Table 3B conducts the corresponding t-tests for Real GDP growth rate forecasts. At the one
year horizon, Consensus forecasts do not have statistically significant ex post errors (point estimate
of 0.18%), but Official forecasts have a mean over-optimism of 0.32%. In addition, official
forecasts are significantly more optimistic than private sector forecasts, with a mean difference of
0.14%. The differences are larger at the two-year horizon, with ex post official forecasts errors of
1.15%, private forecast errors of 0.99%, and a mean difference between the two of 0.16%, all of
which are significant at the 1% level.
Figures 2 and 3 plot the data for the example of Italy, comparing private and official
forecasts with the actual realizations. While private and official forecasts co-move strongly,
government forecasters consistently predict smaller deficits and faster growth. In sample, both
private and official forecasts proved themselves to be generally over-optimistic, but private
forecasts less so.
Can private forecasts be used to predict when official forecasts will prove to be over
optimistic?
In this section, we want to see if we can use private forecasts to improve on the
performance of predictions made by the official agencies. In other words, is the ex ante
discrepancy between private and official forecasts positively correlated with the discrepancy
between official forecasts and the realized outcome, that is, the ex post prediction error? In Table
4, we see that the answer is yes.
18
We define the Government-Consensus Budget Balance disagreement (Gov-Con) and the
government i-year ahead forecast error (BBEgt+i)
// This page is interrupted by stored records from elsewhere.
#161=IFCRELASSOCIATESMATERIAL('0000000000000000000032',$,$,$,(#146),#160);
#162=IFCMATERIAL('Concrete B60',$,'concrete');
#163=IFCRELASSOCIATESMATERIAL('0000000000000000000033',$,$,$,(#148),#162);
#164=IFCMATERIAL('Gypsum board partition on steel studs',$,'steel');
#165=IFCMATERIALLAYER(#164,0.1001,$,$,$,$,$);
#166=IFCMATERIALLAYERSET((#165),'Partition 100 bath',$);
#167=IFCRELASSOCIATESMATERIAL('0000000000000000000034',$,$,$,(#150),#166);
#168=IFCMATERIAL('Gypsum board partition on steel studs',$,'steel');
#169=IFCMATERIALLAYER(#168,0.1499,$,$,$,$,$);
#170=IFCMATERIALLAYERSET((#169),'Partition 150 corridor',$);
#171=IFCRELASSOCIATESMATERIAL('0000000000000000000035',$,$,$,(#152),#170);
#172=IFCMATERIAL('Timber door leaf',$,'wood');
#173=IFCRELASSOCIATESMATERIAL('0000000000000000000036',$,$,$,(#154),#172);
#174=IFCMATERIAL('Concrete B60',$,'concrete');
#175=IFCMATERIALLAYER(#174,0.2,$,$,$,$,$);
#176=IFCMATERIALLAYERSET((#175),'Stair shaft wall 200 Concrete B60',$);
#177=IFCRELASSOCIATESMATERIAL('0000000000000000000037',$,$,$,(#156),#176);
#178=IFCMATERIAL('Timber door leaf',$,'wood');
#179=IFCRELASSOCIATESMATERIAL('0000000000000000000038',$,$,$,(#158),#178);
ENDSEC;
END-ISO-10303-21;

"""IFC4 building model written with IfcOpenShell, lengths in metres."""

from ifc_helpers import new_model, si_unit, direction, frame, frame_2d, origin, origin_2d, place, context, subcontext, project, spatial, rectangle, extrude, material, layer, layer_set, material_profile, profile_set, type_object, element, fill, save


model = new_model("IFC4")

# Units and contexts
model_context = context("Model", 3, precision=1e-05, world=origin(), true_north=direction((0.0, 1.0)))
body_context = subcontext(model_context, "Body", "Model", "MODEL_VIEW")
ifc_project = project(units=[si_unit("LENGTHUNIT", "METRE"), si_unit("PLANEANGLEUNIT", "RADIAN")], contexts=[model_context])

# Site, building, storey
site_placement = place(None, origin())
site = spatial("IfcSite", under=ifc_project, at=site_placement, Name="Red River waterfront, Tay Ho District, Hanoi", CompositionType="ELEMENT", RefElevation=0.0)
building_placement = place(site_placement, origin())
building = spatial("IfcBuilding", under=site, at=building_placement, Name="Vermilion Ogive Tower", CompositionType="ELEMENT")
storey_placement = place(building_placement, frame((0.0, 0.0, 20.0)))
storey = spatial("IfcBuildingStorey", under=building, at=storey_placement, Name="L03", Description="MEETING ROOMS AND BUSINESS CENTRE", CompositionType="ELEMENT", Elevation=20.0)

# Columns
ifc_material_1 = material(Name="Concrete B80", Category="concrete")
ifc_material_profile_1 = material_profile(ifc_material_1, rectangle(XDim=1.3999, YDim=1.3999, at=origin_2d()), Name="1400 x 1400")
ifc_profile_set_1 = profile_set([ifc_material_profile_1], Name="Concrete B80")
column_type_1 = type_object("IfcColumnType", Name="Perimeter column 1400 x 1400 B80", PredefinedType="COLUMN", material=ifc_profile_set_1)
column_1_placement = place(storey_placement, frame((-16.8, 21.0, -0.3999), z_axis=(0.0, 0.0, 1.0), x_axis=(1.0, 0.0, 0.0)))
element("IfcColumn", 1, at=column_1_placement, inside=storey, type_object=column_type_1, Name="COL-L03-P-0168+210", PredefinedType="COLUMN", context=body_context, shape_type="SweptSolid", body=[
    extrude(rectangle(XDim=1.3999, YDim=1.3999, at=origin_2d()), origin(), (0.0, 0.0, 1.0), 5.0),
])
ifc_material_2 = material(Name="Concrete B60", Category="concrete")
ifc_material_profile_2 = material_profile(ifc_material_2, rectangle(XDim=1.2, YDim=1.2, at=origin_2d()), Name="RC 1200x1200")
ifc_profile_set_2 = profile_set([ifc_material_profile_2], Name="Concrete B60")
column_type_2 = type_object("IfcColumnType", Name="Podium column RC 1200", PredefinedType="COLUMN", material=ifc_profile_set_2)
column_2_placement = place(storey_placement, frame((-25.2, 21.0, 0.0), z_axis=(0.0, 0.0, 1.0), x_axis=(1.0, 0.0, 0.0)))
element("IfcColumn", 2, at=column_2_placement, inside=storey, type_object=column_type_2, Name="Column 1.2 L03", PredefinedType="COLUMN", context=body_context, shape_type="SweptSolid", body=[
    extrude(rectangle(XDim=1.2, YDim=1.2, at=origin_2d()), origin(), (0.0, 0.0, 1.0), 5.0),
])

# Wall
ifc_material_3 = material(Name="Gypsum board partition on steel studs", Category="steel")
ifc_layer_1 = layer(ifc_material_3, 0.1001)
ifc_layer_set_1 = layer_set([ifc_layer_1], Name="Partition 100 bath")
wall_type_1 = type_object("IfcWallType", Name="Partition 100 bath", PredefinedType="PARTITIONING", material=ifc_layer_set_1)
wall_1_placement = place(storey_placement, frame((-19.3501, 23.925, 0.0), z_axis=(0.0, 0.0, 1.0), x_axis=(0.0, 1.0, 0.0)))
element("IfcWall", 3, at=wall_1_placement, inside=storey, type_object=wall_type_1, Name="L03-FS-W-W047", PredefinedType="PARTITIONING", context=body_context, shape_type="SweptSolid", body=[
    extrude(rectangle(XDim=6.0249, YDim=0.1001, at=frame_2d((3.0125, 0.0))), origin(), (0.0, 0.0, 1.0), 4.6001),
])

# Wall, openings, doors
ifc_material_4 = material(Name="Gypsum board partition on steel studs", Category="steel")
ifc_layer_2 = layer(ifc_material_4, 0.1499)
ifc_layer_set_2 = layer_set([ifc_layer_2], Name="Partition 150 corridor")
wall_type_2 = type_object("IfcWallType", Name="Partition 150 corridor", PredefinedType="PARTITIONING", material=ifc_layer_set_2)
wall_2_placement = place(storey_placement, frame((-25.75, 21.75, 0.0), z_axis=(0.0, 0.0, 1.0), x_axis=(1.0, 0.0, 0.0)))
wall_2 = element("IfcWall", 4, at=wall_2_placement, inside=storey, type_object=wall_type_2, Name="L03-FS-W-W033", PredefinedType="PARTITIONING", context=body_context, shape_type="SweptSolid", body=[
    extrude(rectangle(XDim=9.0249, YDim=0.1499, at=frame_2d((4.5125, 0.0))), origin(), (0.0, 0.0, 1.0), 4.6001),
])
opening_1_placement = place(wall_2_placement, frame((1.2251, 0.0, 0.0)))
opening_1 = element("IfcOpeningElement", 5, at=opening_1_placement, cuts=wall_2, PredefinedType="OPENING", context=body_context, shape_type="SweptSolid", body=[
Gov-Con BBt+i =BB_Govt+i – BB_Cont+i
BBEgt+i =BB_Govt+i –BBt+i
where BB_Govt+i denotes the i-year ahead government budget balance forecast (as a % of GDP)
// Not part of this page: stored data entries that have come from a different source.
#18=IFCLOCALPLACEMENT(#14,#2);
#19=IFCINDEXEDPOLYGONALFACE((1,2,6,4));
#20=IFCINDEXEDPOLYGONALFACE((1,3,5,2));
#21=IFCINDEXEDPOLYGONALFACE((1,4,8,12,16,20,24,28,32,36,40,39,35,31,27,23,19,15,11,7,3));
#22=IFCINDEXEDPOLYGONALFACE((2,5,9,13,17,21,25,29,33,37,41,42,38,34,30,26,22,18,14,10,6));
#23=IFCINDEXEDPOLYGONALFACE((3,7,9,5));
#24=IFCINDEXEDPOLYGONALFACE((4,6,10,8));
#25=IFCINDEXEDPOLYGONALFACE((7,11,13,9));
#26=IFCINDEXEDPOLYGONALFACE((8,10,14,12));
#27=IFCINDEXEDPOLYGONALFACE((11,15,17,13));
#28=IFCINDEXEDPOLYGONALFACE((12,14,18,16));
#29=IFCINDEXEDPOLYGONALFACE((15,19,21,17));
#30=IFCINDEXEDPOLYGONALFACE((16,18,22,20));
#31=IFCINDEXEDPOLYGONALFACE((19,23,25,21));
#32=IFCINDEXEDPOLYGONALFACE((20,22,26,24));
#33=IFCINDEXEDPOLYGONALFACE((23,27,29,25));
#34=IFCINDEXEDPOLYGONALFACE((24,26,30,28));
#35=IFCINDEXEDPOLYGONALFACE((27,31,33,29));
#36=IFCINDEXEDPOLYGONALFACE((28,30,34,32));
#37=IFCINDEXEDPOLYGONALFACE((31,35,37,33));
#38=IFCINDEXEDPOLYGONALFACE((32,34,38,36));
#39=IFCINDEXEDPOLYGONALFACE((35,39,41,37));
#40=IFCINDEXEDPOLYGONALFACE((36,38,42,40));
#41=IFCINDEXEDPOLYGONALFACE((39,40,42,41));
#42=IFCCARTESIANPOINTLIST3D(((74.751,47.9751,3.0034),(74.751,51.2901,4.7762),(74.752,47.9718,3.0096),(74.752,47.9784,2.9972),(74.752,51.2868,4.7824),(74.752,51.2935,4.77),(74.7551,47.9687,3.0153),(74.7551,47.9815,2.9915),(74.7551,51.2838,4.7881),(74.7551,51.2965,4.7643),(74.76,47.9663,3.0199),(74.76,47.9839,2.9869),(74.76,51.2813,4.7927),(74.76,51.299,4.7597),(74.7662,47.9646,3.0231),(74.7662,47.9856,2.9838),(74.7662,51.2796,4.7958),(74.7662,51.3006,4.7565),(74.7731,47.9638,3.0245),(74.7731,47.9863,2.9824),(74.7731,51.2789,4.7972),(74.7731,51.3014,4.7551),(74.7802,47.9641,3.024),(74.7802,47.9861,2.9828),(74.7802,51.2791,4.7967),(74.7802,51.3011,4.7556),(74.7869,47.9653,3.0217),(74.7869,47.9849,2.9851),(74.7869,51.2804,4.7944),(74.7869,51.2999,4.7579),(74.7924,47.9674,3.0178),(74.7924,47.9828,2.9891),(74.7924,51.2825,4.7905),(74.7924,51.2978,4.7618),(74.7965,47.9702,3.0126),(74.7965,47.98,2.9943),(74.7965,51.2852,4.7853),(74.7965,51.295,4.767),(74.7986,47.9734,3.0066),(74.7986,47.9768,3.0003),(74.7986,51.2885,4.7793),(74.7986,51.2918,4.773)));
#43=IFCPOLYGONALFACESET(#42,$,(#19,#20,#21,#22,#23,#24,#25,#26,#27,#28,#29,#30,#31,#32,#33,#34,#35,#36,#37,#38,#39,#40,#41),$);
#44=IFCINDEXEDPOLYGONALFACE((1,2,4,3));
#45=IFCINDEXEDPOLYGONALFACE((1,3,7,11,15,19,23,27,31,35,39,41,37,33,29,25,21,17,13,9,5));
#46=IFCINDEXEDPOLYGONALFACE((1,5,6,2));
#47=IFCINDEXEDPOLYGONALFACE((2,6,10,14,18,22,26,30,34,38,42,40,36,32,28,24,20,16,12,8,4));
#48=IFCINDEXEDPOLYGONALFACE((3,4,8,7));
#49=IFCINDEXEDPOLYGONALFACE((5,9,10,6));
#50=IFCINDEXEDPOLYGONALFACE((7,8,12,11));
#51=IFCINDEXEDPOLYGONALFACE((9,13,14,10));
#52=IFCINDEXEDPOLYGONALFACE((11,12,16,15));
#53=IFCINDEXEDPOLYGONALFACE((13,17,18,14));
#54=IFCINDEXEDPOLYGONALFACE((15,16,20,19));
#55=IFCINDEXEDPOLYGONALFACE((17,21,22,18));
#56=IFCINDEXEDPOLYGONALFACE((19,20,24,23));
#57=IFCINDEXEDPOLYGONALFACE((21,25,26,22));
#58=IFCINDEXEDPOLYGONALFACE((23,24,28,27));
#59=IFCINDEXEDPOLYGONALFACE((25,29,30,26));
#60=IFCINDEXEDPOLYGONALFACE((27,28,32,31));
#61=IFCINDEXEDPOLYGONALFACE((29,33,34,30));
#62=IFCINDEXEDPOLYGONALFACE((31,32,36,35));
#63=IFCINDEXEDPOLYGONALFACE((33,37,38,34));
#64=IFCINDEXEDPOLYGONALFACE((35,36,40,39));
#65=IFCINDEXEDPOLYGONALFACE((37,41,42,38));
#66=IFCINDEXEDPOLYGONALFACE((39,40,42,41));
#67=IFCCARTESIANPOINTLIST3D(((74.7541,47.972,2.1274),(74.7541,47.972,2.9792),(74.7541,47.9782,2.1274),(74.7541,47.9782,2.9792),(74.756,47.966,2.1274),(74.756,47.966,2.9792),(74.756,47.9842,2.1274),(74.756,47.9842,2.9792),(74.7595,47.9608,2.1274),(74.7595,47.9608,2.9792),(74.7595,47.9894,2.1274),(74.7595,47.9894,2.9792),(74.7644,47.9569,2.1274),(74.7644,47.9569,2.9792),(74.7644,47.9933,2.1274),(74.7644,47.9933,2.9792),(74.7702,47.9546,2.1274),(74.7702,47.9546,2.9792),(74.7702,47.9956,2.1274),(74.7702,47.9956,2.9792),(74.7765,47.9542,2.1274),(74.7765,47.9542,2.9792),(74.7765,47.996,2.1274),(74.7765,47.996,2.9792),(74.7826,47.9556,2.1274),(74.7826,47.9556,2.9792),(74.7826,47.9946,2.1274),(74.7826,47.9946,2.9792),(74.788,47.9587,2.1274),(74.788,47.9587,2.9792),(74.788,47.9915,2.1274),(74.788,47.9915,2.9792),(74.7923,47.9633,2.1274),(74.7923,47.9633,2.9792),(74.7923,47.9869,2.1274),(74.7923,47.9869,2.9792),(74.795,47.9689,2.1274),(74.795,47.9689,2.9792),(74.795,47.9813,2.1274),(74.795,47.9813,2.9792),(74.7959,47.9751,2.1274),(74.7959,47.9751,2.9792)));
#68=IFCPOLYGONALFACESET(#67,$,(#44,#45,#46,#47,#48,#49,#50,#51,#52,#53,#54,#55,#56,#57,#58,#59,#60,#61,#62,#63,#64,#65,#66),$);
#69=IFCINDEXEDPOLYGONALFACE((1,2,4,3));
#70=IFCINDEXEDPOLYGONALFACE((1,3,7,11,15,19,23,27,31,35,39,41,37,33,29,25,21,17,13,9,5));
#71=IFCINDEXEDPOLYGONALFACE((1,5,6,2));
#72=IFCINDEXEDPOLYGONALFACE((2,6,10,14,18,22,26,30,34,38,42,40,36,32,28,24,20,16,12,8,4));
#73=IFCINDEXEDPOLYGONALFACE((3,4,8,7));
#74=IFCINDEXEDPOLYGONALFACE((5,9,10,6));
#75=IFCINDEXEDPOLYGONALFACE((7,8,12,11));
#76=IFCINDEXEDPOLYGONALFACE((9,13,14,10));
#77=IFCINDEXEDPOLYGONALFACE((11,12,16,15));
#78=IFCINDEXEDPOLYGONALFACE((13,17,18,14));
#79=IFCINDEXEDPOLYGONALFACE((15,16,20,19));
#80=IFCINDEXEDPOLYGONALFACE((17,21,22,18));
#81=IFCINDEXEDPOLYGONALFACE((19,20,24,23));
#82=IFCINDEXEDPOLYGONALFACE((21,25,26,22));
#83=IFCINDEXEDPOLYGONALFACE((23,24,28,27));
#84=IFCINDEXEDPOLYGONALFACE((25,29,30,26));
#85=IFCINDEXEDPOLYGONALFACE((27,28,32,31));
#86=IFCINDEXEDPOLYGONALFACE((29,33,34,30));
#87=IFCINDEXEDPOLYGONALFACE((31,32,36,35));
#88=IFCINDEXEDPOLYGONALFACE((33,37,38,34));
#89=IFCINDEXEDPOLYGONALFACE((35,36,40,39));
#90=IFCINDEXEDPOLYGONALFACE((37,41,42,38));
made in year t, BB_Govt+i denotes the i-year ahead Consensus budget balance forecast made in year
t, and BBt+i denotes the actual budget balance in year t+i. In Table 4, we regress one- and two-year ex
post official forecast errors on this variable and various combinations of country and year fixed
effects and find that contemporary disagreement between private and official forecasters is a
useful measure for predicting when government forecasts will prove over-optimistic. In our
baseline specification (columns 1 and 2) without any fixed effects, for every 1% that the
government forecasts are more optimistic than private forecasts at the one year horizon, we find
an ex post government error of 0.93%. At the two year horizon, the point estimate is 0.61%. One
way to read this is that when government forecasts are unusually optimistic relative to private
forecasters, government forecasts on average are also unusually optimistic relative to the ex post
outcome. With only a constant and the difference between private and official forecasts in the
equation, we have an R-squared of 18% at the one year horizon and an R-squared of 4% at the two
year horizon. When we include year fixed effects, the results are further strengthened (columns 5
and 6), meaning that in a given year, those countries that made forecasts relatively more optimistic
than private sector forecasts have larger ex post budget deficits than those countries that did not.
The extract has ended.